Mordino had been one of the first on the ground when they went into Afghanistan, had died on a ridgeline in Tora Bora. Their guides had fed them bullshit, left them high and dry in a mortar storm, and Mordino had been out in the open. One of many warriors who lived on in Bell’s memory.
He pauses before heading out the door to stuff two pieces of fruit into his pockets. He’s been enjoying apples lately, but the summer stone fruits are a treat, and the last week, he’s been going with plums, eating them in the car on the way to work, licking spilled juice from the side of his hand as he drives.

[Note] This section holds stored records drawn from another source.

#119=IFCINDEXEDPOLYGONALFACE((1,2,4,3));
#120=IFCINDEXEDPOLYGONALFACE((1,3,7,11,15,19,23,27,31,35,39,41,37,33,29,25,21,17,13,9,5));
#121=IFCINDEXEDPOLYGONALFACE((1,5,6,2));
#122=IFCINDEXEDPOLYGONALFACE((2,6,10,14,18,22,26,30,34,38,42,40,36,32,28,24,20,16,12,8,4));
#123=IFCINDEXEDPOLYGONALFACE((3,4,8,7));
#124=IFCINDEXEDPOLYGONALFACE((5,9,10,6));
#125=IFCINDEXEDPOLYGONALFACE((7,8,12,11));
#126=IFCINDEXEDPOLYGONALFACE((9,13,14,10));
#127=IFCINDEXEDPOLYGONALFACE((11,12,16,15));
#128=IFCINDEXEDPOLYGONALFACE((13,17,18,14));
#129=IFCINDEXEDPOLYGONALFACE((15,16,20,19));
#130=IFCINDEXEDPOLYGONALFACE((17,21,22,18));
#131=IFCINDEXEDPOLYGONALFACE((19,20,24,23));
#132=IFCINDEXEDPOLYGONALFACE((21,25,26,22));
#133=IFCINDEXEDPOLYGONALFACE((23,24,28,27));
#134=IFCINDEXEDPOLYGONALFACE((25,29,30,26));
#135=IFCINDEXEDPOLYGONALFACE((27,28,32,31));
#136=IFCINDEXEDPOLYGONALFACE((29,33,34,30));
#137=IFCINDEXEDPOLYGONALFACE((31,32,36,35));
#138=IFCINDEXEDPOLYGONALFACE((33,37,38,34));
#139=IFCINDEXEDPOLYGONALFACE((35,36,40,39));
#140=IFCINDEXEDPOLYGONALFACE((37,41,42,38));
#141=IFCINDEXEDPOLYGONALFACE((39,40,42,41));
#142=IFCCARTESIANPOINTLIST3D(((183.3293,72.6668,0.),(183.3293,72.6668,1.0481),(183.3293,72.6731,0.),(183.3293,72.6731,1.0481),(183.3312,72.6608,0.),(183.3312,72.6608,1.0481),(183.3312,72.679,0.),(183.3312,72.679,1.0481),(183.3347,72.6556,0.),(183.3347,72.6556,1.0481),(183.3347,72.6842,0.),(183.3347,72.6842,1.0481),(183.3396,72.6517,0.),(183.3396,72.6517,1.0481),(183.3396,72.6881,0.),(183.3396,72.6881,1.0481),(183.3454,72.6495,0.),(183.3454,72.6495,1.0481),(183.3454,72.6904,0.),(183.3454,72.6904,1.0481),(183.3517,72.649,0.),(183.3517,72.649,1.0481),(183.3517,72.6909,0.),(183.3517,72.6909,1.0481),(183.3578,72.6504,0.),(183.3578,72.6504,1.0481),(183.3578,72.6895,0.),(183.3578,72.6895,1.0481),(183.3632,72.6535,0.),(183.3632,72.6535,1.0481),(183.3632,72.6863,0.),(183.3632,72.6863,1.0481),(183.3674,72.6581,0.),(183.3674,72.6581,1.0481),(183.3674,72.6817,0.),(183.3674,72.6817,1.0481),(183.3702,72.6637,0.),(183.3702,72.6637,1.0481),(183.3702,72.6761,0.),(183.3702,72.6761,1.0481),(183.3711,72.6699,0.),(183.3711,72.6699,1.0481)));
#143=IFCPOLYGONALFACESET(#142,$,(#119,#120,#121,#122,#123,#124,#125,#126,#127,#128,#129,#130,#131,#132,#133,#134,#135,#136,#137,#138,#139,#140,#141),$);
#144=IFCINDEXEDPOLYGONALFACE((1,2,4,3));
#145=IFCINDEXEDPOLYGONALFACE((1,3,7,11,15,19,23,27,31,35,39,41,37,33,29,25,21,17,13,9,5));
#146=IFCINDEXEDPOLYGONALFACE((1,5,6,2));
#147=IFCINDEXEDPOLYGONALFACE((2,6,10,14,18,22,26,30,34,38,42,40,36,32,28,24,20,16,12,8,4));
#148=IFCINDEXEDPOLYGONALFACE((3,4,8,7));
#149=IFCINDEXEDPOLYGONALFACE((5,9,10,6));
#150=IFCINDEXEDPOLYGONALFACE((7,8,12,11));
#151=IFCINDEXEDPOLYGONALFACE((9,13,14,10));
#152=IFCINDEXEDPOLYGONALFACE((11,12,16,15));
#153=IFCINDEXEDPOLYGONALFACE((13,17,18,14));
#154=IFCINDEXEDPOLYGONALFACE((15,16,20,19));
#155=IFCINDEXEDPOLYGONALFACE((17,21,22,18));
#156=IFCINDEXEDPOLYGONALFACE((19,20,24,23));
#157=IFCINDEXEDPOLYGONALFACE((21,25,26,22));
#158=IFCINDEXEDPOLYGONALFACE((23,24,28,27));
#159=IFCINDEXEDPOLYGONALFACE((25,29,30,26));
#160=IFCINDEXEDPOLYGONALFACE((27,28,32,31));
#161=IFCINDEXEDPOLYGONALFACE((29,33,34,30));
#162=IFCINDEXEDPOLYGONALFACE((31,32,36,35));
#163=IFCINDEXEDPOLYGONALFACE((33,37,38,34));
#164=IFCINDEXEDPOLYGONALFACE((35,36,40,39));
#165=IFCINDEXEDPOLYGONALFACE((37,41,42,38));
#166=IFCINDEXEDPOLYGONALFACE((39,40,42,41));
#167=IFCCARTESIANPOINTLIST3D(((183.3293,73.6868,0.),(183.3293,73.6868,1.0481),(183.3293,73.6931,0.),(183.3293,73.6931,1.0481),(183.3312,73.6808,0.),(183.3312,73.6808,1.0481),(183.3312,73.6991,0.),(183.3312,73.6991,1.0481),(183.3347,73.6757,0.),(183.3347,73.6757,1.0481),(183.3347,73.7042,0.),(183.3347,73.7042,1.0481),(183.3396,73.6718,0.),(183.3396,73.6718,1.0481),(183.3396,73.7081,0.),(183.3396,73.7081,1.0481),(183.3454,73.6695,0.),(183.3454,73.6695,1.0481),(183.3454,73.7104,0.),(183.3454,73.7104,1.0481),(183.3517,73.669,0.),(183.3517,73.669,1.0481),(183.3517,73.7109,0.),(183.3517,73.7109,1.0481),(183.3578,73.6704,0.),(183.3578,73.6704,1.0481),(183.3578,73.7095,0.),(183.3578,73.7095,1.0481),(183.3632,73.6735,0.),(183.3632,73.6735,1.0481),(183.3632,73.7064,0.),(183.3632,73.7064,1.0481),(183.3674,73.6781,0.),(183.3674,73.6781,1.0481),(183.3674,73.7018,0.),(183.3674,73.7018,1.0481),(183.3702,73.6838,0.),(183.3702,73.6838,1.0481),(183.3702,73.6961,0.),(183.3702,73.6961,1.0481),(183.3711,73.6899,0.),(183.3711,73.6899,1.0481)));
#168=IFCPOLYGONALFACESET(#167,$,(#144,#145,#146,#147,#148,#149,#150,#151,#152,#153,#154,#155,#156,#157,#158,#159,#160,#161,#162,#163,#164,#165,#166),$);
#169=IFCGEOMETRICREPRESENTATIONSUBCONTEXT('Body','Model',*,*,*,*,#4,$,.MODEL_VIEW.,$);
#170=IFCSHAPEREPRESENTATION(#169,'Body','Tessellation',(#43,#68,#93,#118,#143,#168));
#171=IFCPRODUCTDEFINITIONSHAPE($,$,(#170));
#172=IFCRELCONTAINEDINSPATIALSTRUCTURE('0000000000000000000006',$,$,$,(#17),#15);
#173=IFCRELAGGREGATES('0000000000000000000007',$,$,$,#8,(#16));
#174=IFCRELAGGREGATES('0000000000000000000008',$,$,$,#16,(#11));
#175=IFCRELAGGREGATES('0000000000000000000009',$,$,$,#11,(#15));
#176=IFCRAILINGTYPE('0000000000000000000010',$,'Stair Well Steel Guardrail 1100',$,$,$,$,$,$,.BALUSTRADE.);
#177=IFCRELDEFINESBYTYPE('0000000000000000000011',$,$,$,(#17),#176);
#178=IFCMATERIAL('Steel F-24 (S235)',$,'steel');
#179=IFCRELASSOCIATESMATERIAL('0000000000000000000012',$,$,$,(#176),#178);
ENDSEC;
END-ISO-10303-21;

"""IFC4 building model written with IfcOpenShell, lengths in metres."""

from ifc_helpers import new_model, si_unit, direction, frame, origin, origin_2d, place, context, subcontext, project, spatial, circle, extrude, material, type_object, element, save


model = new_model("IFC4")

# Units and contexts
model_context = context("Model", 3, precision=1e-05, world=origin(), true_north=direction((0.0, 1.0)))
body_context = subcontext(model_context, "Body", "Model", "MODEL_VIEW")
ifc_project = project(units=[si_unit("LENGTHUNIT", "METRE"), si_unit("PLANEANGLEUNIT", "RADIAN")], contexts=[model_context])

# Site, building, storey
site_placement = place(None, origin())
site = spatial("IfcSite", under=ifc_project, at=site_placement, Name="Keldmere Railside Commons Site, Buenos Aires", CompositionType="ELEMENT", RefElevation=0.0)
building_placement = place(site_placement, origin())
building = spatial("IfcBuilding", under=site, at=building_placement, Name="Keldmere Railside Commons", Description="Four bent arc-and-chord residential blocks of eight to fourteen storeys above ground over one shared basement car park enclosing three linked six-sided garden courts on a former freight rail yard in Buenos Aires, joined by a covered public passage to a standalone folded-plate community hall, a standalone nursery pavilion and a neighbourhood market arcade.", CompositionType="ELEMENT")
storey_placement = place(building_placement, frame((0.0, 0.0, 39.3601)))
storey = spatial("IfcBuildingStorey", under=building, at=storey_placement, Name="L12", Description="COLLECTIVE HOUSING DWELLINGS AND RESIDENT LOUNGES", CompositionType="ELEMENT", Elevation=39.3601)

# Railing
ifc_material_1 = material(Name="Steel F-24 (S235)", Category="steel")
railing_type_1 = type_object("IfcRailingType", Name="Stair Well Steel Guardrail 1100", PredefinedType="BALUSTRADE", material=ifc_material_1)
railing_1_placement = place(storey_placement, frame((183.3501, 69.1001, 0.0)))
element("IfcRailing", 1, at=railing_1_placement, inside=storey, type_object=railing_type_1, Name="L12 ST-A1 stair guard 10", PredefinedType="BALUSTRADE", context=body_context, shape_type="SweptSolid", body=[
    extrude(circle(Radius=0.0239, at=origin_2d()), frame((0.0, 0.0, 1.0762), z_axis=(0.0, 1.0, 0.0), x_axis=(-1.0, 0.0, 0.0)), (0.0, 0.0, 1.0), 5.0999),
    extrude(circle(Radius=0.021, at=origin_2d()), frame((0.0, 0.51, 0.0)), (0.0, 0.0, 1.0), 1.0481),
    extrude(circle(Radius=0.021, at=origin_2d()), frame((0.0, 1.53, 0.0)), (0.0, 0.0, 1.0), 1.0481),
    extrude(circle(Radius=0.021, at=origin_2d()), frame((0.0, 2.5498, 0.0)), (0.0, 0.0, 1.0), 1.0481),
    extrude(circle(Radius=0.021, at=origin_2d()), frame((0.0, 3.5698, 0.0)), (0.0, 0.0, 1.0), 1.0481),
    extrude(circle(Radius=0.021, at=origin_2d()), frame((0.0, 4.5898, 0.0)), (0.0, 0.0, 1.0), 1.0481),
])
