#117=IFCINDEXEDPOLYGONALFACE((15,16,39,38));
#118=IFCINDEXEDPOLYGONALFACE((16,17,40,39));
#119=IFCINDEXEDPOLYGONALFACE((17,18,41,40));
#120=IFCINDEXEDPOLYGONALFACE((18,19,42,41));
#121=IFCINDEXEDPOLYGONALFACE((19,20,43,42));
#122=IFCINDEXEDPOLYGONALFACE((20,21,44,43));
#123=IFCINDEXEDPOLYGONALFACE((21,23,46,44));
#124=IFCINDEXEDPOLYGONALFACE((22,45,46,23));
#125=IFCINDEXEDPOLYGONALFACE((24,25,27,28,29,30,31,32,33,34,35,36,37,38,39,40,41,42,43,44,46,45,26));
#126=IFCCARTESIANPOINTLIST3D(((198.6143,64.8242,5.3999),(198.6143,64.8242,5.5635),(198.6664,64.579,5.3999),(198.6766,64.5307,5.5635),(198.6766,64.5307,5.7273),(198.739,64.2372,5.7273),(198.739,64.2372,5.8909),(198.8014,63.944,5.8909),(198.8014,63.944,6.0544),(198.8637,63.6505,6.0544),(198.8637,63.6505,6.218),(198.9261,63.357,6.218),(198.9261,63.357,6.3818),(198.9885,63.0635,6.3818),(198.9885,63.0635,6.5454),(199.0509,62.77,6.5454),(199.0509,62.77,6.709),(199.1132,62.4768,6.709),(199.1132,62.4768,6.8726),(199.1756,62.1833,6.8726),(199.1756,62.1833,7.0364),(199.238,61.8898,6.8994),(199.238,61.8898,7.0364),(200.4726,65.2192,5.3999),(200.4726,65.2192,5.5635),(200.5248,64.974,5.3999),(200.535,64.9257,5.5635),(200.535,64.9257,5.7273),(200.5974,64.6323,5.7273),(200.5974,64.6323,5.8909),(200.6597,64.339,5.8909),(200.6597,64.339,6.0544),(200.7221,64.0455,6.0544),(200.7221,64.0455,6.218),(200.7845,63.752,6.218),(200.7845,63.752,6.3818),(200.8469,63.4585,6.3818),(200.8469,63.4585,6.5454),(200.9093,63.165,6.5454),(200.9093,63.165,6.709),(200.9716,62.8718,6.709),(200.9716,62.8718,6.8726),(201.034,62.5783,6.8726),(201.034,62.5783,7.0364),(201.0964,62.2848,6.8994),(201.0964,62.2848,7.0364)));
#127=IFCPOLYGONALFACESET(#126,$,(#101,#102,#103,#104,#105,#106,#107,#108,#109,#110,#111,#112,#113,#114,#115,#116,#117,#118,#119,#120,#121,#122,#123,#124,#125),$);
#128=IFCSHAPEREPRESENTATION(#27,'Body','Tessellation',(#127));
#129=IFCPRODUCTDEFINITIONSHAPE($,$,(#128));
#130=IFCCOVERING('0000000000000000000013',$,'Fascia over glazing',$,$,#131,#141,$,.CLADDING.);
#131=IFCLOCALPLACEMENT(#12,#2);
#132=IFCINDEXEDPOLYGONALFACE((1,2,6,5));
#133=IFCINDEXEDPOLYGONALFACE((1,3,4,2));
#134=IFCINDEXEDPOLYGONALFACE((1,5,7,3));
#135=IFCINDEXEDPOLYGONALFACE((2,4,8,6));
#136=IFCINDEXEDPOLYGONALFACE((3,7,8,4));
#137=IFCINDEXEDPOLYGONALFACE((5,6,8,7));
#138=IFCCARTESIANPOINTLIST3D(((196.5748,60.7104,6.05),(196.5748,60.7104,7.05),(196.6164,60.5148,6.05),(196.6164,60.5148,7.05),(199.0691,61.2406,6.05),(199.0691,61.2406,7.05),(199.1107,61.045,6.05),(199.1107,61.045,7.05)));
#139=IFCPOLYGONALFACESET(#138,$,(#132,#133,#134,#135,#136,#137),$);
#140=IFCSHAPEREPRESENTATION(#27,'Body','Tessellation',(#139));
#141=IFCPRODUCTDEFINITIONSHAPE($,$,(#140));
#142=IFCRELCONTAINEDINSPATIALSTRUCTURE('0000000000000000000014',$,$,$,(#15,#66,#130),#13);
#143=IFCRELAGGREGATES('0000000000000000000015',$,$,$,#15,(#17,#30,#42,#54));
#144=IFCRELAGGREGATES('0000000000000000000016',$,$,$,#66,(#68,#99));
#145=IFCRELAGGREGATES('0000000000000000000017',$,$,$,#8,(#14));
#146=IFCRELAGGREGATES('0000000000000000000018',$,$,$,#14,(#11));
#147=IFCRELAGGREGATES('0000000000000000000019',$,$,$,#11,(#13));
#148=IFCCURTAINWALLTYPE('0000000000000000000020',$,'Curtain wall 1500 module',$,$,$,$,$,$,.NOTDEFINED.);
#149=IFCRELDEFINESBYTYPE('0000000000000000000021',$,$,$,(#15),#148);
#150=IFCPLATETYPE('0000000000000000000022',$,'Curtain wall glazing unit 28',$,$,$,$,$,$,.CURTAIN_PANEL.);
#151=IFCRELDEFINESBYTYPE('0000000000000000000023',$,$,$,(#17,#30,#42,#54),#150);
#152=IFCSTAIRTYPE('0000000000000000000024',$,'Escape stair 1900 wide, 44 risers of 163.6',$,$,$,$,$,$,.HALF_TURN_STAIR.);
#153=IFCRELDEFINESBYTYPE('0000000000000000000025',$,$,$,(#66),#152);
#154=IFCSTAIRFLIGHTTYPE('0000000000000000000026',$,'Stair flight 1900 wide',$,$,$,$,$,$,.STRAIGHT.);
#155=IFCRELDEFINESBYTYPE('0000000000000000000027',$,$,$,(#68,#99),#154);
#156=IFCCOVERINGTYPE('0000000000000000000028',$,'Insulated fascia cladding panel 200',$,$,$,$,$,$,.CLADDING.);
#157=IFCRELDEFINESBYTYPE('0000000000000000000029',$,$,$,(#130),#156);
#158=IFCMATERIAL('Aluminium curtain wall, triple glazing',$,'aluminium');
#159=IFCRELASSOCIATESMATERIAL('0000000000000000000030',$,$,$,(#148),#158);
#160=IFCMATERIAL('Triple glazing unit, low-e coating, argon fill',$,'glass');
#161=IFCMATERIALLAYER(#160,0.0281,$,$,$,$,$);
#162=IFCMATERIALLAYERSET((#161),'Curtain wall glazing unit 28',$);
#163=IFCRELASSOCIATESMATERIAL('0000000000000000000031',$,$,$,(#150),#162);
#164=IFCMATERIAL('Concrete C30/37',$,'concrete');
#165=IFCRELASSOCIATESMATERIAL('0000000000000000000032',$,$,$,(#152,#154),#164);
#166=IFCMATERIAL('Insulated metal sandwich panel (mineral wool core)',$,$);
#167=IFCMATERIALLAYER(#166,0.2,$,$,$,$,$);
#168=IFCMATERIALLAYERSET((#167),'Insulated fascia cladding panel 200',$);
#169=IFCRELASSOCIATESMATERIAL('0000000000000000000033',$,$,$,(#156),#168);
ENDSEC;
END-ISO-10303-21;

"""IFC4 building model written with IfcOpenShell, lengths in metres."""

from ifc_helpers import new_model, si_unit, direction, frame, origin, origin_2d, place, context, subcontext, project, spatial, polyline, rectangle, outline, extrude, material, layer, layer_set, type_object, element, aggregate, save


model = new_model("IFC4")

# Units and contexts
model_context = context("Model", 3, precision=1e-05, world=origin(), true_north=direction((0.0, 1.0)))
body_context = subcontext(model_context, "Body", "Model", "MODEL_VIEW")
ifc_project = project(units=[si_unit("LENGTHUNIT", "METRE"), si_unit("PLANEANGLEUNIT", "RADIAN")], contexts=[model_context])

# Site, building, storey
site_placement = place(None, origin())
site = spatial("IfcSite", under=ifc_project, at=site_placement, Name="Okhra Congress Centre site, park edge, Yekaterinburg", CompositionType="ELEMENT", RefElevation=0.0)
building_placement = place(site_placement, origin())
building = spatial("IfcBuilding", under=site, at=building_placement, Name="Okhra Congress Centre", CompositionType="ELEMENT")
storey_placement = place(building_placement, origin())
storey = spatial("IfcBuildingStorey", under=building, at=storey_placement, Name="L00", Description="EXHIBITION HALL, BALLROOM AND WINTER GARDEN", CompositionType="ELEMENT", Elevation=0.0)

It’s six fifteen when he’s pulling out in a leased BMW coupe and his phone starts to ring. Every morning, same time, on the nose. This is the morning briefing, a quick call organized by his superior, the director of park and resort safety, Eric Porter. Bell and Porter are joined by two others, a man named Wallford, who serves as Porter’s assistant, and by Matthew Marcelin. Marcelin normally keeps his silence on these calls, his presence simply there so that he can stay informed, and sometimes Bell wonders if he’s even awake. It’s Wallford who does most of the talking, and the calls are pretty much all the same, a quick rundown on any intelligence they’ve received from sources within government or law enforcement, any warnings, advisories, and so on. If there’s a big group coming to the park, or VIPs visiting, and if so, what manner of VIP they might be. WilsonVille is a favorite stop for foreign dignitaries and their families, and they come to the park so regularly that there is a Secret Service liaison whose job it is to coordinate with park security.
So they go over all these things, and anything else that might matter, and the call normally doesn’t last longer than fifteen minutes. Fifteen minutes, five days a week, for almost three weeks now, and that’s been more than enough time for Bell to decide that he doesn’t much like Eric Porter and that the jury is still out on his man Jerome Wallford. More than enough time for Bell to be certain that they don’t much like him, either. Maybe it’s a vestigial interservice cock-swinging contest, maybe it’s just bad chemistry among all involved. But Bell wonders if maybe it’s not something else, something more.
It started early, too, started the moment he met them, the day after Marcelin had hired him. Wallford escorting Bell into Porter’s office, then remaining in the room with them, standing just behind and off to the left, the position deliberate, in the periphery. You are watched, Mr. Bell, you are being evaluated. To prove the point, he wasn’t offered a seat, and Porter remained behind his desk, absorbed in whatever was on his monitor for fully half a minute before bothering to acknowledge Bell’s presence.
“Marcelin should’ve consulted with me before hiring you,” was the first thing Porter said.
“I guess I made a good impression.”
“He says you were army.”
It wasn’t a question, but Bell decided to treat it as one. “Little under twenty years.”